We're pretty convinced Sadie has DM. It's been over 5 months since the 1st sign of symptoms, which was the very subtle limp in the rear. That progressed to some occassional toe dragging on her left side, to what we have now which is full time toe dragging, knuckling over a step or two sometimes (meaning actually walking on knuckles--this is not full time yet), routinely stopping/standing on knuckles for a moment or two before correcting. 

She now has no control of her rear on on our laminate floor...we have purchased throw rugs and have placed one every 2 feet which helps her get around the house. She fell on the deck, scrambling and falling again and again the other morning due to some light snow dusting. I know it scared her, but she never yelped or cried or showed signs of being hurt by it...I thought for sure she hurt herself by the way she her legs splayed out.

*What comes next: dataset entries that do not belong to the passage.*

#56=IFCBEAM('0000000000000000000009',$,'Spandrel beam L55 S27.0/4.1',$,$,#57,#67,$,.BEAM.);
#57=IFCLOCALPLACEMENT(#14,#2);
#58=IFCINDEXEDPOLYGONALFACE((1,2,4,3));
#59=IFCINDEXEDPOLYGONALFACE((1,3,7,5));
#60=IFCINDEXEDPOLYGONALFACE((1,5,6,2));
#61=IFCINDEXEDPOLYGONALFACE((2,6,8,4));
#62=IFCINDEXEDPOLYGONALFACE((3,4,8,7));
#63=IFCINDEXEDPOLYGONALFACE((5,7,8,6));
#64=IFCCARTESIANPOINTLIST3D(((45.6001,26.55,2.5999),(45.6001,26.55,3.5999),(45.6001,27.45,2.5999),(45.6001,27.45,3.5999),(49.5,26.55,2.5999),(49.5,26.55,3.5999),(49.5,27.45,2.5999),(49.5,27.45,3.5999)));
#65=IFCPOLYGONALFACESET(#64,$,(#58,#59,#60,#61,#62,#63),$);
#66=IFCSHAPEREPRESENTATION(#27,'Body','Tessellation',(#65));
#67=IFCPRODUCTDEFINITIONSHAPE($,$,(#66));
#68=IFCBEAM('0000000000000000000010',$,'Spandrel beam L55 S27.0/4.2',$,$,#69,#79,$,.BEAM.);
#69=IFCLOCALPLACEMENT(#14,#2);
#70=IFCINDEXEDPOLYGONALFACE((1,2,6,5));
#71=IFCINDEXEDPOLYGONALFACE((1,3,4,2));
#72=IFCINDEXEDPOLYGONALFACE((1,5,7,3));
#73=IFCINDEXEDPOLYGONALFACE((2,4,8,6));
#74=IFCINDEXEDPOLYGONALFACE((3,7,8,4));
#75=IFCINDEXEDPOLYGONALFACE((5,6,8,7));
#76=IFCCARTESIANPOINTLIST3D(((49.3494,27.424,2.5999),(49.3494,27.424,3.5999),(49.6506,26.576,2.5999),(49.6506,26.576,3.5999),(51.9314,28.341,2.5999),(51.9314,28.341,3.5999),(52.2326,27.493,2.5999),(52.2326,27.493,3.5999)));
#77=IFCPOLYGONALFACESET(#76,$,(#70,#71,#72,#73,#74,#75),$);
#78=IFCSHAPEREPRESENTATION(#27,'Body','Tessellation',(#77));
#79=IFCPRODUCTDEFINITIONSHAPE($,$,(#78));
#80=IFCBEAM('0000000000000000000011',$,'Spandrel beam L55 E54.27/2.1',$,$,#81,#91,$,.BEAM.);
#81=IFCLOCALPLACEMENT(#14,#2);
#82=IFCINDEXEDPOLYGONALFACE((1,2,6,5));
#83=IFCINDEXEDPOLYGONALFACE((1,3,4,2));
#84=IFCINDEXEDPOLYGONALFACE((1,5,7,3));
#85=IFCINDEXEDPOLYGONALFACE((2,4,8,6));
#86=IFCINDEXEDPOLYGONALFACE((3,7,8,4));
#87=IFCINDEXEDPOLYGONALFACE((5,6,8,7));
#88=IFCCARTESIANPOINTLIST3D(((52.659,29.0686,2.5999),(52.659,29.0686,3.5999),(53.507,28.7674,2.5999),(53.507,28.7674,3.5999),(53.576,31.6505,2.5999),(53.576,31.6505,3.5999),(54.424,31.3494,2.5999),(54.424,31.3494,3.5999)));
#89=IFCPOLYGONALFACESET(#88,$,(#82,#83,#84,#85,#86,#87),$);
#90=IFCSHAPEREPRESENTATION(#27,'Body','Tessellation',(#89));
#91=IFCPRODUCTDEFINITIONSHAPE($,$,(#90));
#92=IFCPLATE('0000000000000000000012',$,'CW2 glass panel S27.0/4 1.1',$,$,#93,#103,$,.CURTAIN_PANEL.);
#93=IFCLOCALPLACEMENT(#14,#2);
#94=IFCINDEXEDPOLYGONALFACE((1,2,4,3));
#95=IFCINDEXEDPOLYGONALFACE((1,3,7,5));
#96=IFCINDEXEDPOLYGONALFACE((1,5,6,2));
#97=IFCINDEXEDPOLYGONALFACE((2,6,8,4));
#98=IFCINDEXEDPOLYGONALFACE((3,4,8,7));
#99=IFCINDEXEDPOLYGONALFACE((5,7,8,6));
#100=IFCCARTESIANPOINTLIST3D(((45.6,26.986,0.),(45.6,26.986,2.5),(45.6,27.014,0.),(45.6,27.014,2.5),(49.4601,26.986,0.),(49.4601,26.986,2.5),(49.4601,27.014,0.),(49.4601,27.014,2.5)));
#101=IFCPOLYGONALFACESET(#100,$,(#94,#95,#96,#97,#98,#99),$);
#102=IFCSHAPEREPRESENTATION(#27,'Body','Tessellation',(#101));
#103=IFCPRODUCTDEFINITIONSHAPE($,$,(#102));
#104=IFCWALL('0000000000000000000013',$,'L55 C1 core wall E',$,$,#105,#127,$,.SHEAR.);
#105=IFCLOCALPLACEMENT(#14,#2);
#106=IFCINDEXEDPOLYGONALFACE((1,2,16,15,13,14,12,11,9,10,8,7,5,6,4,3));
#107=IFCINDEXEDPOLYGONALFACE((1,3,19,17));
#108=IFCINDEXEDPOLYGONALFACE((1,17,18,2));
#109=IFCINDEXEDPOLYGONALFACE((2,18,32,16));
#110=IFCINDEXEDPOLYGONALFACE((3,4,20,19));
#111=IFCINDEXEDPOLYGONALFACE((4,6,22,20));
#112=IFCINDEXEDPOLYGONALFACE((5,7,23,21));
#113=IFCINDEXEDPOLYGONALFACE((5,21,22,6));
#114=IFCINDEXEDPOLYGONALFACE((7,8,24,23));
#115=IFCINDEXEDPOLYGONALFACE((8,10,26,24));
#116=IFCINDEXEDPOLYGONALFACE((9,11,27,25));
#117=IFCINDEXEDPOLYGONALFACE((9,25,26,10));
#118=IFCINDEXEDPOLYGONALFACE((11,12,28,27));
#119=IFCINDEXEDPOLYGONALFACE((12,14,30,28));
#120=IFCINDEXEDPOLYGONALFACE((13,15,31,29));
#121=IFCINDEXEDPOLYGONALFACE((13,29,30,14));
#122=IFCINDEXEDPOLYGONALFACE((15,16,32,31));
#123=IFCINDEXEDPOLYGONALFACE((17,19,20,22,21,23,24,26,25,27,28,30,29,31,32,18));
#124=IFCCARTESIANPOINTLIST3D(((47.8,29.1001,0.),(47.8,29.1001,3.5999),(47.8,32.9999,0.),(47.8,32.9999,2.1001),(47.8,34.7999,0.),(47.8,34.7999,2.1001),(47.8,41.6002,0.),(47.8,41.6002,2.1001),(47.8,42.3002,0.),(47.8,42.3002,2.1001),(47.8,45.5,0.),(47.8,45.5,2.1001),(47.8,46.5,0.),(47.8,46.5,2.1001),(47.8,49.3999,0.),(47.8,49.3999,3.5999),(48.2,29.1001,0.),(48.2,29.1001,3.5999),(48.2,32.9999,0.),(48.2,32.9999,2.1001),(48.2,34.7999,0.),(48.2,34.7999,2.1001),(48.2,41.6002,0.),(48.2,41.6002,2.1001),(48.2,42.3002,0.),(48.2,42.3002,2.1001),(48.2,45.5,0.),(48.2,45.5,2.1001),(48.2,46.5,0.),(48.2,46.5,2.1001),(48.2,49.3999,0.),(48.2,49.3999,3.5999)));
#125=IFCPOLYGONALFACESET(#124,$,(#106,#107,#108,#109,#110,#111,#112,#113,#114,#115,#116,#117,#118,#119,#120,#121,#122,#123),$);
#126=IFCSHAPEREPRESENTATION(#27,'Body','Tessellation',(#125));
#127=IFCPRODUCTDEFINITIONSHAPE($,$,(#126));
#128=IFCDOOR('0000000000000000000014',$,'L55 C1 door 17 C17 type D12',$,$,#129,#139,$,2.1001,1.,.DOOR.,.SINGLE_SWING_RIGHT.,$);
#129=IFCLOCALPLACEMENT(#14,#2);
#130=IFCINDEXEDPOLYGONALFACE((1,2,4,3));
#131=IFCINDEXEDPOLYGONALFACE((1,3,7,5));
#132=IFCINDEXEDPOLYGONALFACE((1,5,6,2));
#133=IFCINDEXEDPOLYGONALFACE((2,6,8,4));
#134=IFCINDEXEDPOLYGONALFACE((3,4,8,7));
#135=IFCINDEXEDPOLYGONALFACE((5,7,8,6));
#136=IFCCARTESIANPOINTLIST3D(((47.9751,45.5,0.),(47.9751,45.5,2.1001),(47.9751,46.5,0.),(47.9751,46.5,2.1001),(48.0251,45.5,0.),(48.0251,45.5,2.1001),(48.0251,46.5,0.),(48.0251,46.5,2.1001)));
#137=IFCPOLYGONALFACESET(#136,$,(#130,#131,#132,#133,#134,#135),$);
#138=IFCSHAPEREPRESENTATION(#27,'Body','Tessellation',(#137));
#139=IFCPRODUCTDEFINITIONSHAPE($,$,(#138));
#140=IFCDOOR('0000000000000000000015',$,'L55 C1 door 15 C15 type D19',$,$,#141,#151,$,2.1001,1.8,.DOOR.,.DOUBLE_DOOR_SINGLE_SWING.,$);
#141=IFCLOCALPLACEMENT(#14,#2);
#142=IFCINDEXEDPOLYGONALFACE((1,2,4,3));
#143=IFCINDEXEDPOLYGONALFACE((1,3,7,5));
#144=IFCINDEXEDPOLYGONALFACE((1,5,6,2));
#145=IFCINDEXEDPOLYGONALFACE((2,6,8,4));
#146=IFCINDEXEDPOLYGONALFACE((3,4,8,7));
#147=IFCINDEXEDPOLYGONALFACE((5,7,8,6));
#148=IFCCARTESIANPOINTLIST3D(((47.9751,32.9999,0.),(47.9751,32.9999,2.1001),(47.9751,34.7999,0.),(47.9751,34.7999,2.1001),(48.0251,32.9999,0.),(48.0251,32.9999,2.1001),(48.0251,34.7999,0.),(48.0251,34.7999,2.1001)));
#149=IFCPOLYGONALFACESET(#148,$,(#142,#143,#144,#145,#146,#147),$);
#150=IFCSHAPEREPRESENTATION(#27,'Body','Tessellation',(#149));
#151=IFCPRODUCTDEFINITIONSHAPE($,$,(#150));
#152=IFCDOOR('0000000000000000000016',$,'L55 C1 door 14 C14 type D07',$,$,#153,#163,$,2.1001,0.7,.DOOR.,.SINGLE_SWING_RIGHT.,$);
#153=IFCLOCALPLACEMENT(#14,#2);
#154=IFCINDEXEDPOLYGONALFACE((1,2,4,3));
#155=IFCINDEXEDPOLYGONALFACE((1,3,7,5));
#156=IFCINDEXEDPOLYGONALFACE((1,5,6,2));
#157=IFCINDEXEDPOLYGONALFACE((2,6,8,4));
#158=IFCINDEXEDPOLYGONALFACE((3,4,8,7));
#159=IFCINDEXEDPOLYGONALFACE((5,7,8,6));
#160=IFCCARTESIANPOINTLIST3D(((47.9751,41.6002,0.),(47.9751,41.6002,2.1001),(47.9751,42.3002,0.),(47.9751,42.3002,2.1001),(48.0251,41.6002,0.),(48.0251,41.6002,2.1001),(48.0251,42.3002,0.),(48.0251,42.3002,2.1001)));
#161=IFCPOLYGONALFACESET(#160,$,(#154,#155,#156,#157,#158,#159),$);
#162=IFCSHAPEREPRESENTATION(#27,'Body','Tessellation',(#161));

I had to carry her back inside after that because she wouldn't try to come back across the deck, but that's not something I can do routinely! 

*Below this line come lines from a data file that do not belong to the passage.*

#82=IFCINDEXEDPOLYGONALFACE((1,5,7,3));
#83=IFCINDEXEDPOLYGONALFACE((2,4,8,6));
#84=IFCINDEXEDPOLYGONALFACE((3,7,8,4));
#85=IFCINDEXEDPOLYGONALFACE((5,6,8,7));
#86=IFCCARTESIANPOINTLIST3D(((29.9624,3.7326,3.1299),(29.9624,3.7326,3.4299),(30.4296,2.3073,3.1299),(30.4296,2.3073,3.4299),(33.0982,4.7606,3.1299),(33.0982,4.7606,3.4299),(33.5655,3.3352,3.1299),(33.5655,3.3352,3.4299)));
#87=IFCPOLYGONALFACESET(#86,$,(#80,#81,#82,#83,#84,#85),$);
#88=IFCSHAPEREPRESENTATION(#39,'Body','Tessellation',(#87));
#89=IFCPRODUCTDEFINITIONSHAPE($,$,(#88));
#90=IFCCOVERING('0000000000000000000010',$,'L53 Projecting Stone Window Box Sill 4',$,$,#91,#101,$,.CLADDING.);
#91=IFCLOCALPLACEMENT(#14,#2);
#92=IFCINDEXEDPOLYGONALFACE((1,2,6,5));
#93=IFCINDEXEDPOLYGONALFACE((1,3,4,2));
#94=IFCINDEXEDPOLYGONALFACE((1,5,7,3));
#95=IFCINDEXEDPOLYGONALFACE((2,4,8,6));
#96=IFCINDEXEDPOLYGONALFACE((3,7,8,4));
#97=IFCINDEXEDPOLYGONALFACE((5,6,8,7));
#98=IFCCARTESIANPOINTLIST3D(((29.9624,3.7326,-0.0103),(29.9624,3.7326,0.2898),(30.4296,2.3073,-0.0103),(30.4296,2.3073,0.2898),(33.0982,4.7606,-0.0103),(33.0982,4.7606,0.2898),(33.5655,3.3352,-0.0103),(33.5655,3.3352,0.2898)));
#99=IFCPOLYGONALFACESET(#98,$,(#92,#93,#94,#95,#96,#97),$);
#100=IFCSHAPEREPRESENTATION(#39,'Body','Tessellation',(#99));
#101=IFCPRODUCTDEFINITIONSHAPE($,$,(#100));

Now, she is afraid to try if it even looks wet, so for now she goes out in the front yard with us if it's raining or glazed over on the deck out back. I don't know how we will handle full on winter snow and ice since she's too heavy for me to carry! She is confined mostly to one level of our home. She falls down the steps routinely, so we've had to gate them off. 

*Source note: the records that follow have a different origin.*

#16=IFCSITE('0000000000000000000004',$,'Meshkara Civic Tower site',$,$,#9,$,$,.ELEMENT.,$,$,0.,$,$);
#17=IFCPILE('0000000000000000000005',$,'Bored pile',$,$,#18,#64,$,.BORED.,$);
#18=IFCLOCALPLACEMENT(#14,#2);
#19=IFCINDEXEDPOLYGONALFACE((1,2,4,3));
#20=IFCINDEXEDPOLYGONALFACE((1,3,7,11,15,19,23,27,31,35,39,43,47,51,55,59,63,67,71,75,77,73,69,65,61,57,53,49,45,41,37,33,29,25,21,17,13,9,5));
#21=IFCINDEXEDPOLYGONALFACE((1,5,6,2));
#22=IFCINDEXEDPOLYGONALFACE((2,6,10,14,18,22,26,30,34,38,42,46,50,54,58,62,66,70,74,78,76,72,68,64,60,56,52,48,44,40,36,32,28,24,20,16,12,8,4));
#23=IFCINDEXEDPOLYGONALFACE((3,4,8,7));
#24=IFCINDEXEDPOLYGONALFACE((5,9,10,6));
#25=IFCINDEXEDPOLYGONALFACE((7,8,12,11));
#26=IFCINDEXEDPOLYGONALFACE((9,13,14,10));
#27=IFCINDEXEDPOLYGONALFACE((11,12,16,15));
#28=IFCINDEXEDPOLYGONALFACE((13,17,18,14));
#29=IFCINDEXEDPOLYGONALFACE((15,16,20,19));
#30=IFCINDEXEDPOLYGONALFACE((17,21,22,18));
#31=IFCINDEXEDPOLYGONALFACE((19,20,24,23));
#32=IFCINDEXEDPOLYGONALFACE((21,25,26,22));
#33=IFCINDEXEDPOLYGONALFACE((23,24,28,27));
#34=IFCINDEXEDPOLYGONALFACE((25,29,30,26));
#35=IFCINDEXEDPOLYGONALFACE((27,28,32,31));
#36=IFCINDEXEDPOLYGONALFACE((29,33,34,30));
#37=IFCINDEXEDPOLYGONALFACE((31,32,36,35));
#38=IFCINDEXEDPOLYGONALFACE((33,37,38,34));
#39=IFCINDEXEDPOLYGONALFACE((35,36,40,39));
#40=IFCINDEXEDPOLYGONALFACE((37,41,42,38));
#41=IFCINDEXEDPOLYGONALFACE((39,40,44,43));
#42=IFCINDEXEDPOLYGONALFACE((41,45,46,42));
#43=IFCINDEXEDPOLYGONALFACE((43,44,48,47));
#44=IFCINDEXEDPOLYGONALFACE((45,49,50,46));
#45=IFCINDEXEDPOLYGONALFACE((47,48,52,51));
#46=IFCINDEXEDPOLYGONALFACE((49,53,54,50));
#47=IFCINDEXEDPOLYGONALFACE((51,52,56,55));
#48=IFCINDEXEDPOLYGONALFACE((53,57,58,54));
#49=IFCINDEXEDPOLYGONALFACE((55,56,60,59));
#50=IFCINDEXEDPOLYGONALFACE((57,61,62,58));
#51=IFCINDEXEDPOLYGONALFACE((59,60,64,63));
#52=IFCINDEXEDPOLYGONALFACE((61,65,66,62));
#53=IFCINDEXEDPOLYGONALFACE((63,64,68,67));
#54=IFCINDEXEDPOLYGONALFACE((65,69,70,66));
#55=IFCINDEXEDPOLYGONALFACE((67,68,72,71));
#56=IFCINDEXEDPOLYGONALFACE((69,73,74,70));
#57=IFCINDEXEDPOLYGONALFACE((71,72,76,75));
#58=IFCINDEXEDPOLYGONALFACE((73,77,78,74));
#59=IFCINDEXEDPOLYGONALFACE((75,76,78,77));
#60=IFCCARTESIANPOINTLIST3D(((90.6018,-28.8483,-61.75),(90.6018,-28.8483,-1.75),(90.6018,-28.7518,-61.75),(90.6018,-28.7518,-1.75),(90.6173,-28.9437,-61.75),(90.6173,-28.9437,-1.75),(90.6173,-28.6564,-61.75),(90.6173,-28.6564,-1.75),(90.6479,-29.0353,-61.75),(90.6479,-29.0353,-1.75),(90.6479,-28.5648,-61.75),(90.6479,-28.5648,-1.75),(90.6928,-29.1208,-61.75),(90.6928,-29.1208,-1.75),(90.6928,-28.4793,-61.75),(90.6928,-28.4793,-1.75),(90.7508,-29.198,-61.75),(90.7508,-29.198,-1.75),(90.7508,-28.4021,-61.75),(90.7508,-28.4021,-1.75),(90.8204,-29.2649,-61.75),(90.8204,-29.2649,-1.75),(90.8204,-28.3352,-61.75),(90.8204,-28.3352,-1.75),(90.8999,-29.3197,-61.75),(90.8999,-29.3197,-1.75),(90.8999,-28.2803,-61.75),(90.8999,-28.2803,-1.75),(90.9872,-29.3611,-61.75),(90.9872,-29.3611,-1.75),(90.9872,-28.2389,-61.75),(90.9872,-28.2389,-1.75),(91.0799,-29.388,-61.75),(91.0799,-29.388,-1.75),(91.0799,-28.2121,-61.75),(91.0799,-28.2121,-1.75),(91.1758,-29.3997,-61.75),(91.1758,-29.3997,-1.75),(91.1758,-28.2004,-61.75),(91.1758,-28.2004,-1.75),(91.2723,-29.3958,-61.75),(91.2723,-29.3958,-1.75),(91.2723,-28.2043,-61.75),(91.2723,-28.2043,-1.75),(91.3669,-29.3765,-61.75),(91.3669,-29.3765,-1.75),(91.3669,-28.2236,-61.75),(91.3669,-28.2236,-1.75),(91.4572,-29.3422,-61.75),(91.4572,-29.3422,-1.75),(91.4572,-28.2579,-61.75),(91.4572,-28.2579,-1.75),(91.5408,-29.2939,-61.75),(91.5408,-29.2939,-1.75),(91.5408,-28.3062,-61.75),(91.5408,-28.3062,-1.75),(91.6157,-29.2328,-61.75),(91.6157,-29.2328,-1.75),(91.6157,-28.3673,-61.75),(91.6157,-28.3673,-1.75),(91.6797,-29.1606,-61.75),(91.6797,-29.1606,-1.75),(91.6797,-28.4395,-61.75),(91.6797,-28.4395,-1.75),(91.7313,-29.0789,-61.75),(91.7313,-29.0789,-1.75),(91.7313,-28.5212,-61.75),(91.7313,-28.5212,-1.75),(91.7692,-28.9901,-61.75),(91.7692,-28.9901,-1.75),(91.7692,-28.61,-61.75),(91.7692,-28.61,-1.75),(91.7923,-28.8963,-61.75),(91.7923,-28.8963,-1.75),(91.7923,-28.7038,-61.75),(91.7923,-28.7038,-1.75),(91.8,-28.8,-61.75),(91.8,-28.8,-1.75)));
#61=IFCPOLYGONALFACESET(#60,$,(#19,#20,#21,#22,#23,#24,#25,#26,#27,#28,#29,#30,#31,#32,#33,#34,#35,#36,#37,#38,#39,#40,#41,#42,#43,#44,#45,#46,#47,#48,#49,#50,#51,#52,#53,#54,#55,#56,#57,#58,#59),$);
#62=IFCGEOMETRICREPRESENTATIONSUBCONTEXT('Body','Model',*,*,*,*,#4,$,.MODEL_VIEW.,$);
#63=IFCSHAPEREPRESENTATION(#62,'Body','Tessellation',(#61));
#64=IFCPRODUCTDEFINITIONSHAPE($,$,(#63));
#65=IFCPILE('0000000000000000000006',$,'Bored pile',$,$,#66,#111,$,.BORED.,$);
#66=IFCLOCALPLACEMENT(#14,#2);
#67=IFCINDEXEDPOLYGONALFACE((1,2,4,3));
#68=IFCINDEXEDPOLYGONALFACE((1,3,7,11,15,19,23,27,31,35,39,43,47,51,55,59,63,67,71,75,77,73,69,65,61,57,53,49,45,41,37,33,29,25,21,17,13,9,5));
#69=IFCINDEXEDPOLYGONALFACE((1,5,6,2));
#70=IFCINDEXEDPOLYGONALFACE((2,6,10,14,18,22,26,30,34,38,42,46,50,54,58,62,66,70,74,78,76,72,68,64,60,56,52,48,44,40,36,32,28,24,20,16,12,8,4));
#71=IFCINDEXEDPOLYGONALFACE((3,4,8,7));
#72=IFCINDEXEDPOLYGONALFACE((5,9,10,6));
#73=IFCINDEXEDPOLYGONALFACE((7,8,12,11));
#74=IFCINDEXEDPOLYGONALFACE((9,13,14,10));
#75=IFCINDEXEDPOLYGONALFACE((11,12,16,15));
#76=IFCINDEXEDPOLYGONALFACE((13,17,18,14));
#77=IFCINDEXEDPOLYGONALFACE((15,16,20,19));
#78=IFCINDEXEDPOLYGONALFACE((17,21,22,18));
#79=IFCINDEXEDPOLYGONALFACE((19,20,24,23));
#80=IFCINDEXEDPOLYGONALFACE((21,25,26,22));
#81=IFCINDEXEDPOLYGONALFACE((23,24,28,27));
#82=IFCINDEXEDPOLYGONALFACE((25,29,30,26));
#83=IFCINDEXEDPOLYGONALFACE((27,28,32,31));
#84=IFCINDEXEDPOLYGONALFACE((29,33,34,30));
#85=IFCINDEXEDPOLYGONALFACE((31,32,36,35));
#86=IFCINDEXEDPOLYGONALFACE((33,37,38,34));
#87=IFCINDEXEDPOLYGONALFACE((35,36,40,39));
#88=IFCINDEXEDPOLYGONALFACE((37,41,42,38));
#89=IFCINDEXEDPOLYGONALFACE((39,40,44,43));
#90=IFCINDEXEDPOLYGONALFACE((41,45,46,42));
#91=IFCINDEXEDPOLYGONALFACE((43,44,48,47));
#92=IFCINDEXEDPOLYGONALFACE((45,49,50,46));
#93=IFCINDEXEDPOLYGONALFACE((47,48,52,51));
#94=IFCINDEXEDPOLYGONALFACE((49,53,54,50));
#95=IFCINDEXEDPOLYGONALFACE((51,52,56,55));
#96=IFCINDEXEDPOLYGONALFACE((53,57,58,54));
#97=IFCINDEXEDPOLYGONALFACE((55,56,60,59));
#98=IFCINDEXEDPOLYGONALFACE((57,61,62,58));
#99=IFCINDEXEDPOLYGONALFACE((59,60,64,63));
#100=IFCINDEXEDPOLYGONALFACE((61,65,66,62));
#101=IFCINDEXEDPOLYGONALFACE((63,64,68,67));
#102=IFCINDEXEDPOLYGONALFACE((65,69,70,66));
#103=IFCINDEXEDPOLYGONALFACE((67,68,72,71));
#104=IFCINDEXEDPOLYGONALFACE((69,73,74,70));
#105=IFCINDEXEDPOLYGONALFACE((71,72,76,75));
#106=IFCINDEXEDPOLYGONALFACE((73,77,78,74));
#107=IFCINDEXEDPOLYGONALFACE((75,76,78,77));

Through all this, she shows zero sign of pain and has remained her happy self. No yelping, no stiffness, no sensitivity to being poked or prodded or touched in any certain place. She eats well (you'd think she is starving all the time LOL)....she wants to play, she wants to wrestle with the cats. She wants to steal scraps from the 2 year old. She wants to go outside every 10 minutes as usual.

If not for how unpleasant it looks to watch her walk around, you wouldn't know anything was wrong with her at all. The vet had said after they tried anti-inflammatories that were no help, there wasn't really anything they could do for a degenerative nerve condition. I haven't taken her back to the vet since the end of July because of the symptoms being so subtle for awhile and the lack of pain, and how she continued to be her happy self, like nothing was wrong. 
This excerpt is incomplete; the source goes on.